Amedisys later requested (and received) a stay of the HSR Act claim pending a trial on the Section 7 claim, which had been set for a bench trial in October 2025. When the DOJ announced the settlement with the merging parties on August 7, 2025, clearing the transaction to close with divestitures, the agency also included a settlement of the HSR claim in the proposed final judgment filed with the court. Specifically, the proposed final judgment stipulated that Amedisys would pay a $1.1 million fine to satisfy the HSR claim, in addition to conducting DOJ-approved antitrust compliance training for Amedisys’s corporate and field leadership. Given that the HSR claim was resolved in a broader settlement of the substantive merger litigation, it is unclear what this claim’s resolution would have been had it proceeded on a stand-alone basis.
Takeaways
While the DOJ’s settlement with UnitedHealth and Amedisys will, once adopted, forego judicial opinion on the merits of the DOJ’s HSR Act claim and therefore will not provide clear precedent on parties’ Second Request compliance obligations, the case still provides meaningful insights for practitioners and companies in front of the antitrust agencies. The DOJ’s prosecution of Second Request deficiencies serves as a reminder to practitioners and companies about the importance of thoroughness when complying with the HSR Act and Second Requests.
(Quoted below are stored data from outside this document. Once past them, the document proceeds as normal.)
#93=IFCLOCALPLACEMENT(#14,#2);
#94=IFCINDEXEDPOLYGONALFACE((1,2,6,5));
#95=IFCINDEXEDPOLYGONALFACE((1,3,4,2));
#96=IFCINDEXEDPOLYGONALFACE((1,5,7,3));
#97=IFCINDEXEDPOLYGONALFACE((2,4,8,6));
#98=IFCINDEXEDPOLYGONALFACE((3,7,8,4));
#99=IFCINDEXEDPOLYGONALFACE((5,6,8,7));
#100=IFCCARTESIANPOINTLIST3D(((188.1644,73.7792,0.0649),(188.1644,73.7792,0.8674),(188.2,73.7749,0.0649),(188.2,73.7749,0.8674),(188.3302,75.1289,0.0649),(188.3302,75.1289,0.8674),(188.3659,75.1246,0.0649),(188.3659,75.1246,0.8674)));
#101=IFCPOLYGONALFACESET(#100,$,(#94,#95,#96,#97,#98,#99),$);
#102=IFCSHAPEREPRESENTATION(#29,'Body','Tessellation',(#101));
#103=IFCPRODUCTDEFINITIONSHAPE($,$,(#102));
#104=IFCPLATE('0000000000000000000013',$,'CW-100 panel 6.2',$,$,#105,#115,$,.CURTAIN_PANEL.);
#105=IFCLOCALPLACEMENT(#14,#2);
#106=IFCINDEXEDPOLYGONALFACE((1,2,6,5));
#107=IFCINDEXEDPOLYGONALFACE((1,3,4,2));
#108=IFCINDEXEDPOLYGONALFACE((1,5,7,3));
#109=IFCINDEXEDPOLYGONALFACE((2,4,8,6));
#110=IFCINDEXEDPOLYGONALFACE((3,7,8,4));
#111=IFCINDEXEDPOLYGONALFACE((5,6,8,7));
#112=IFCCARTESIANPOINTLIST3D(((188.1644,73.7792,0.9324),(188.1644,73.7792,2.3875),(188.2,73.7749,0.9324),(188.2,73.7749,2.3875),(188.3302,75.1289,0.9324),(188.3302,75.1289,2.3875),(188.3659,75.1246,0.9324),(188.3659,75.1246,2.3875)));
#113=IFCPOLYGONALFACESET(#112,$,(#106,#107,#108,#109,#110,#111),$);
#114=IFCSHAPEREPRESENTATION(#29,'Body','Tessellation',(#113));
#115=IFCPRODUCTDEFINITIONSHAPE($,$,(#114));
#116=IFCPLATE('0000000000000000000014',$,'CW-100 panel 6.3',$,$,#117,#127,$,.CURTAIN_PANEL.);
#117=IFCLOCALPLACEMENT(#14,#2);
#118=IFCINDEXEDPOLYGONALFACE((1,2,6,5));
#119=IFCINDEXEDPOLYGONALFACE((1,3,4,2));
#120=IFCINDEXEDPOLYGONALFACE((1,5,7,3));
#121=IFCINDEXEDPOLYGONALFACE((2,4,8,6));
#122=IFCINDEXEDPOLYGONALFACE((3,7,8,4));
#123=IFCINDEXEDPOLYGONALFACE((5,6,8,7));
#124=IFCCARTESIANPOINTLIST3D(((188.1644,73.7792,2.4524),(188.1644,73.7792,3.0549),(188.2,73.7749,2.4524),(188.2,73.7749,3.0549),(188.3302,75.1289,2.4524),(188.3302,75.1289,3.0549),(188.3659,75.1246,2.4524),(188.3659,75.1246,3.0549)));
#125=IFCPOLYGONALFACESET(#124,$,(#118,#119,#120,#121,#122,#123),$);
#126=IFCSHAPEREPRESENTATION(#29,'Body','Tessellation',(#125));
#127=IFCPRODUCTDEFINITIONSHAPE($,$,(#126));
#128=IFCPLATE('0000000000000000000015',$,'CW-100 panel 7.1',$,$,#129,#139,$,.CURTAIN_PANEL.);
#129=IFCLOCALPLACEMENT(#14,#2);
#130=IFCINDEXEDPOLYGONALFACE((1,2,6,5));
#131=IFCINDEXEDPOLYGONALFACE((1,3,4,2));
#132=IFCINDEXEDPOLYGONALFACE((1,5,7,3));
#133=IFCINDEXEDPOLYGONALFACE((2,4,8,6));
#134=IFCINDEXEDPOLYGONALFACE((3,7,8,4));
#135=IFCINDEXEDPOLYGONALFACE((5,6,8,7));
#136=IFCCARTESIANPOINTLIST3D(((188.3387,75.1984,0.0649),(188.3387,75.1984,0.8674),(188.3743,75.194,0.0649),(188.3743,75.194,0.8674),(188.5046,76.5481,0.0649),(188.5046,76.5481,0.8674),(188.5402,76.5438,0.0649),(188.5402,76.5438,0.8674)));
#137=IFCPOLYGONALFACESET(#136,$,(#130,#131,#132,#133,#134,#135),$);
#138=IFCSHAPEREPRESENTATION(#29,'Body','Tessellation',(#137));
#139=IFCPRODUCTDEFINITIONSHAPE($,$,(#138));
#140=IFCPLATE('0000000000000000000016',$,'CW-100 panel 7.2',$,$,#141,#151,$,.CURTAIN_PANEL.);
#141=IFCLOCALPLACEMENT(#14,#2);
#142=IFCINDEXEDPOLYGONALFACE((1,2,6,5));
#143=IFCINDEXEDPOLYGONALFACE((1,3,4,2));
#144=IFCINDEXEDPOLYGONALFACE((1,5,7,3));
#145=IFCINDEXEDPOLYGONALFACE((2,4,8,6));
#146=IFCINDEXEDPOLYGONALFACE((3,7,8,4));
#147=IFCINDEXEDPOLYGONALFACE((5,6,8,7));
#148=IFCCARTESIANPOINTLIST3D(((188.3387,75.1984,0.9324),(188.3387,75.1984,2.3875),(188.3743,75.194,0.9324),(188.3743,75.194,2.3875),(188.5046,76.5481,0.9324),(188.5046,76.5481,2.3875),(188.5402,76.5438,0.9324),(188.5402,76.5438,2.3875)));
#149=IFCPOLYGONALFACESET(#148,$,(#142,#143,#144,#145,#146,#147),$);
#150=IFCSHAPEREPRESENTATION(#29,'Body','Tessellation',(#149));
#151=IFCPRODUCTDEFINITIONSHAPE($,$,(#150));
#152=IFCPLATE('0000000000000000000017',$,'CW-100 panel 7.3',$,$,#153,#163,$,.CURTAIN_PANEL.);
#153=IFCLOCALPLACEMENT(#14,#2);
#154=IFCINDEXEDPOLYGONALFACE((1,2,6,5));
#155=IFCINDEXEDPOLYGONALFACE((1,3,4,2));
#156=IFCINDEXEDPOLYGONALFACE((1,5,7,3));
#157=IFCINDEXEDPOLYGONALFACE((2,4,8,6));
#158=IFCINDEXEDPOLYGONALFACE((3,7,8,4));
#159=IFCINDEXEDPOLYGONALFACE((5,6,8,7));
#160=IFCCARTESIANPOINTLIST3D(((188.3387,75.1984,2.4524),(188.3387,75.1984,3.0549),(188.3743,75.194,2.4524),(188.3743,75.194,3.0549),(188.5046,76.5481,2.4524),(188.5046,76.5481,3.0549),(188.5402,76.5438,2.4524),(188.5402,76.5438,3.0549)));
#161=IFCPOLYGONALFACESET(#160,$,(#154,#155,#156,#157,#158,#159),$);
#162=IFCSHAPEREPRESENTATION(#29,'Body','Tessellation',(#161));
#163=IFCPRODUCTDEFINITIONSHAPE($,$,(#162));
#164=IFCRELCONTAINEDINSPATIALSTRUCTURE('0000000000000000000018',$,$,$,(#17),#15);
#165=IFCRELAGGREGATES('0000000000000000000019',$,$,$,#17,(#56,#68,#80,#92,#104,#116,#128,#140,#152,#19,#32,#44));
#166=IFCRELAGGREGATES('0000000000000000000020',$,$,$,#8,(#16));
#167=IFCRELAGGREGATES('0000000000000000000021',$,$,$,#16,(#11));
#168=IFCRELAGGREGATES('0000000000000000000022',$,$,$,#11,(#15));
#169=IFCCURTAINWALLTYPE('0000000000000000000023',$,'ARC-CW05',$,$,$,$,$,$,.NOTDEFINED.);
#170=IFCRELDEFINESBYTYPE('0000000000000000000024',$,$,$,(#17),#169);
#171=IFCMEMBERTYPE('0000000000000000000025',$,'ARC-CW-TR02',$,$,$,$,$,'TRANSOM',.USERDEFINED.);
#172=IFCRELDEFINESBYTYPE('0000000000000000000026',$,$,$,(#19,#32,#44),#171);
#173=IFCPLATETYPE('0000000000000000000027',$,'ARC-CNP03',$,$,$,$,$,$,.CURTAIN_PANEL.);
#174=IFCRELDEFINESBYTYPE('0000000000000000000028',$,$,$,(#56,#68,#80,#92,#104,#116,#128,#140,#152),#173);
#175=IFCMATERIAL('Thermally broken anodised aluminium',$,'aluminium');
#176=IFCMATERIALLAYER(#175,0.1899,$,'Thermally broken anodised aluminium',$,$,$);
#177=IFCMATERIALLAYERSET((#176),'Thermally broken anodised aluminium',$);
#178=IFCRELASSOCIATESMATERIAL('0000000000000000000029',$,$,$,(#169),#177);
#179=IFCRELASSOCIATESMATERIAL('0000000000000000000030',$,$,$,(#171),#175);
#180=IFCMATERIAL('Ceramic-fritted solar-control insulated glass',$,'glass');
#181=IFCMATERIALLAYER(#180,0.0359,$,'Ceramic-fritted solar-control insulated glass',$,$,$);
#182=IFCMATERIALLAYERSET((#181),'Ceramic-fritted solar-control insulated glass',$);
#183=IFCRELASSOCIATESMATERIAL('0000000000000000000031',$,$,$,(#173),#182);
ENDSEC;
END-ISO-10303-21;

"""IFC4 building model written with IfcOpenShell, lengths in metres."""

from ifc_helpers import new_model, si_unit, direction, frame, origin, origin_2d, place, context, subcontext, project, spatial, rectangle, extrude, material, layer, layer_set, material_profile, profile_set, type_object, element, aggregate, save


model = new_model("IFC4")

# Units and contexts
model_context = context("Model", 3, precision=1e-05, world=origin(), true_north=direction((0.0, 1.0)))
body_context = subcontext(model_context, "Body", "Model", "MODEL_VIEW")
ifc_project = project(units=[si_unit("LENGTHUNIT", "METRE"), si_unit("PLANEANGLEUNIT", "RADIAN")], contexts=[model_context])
Even though the Second Request legal standard of “substantial compliance” is plainly something short of “full compliance,” the antitrust agencies regularly scrutinize parties’ productions in Second Requests for any potential compliance deficiencies — including, e.g., missing file types and document volumes. Such deficiencies, if found, can give the agencies a lever for extracting more documents, information and time from the merging parties. Indeed, in the case of Amedisys, the DOJ was able to not only extract more than 2 million additional documents from the company following its identified deficiencies, but also delay the bringing of the lawsuit nearly eleven months after Amedisys originally certified substantial compliance with the Second Request.
Ultimately, the harmful effects of Second Request compliance issues can be multipronged. They can require significant labor and expense to remedy, and their distractive value can divert both company and agency resources away from engaging on the substantive merits of the transaction. And now, the DOJ has shown that it can obtain civil penalties for these issues as well.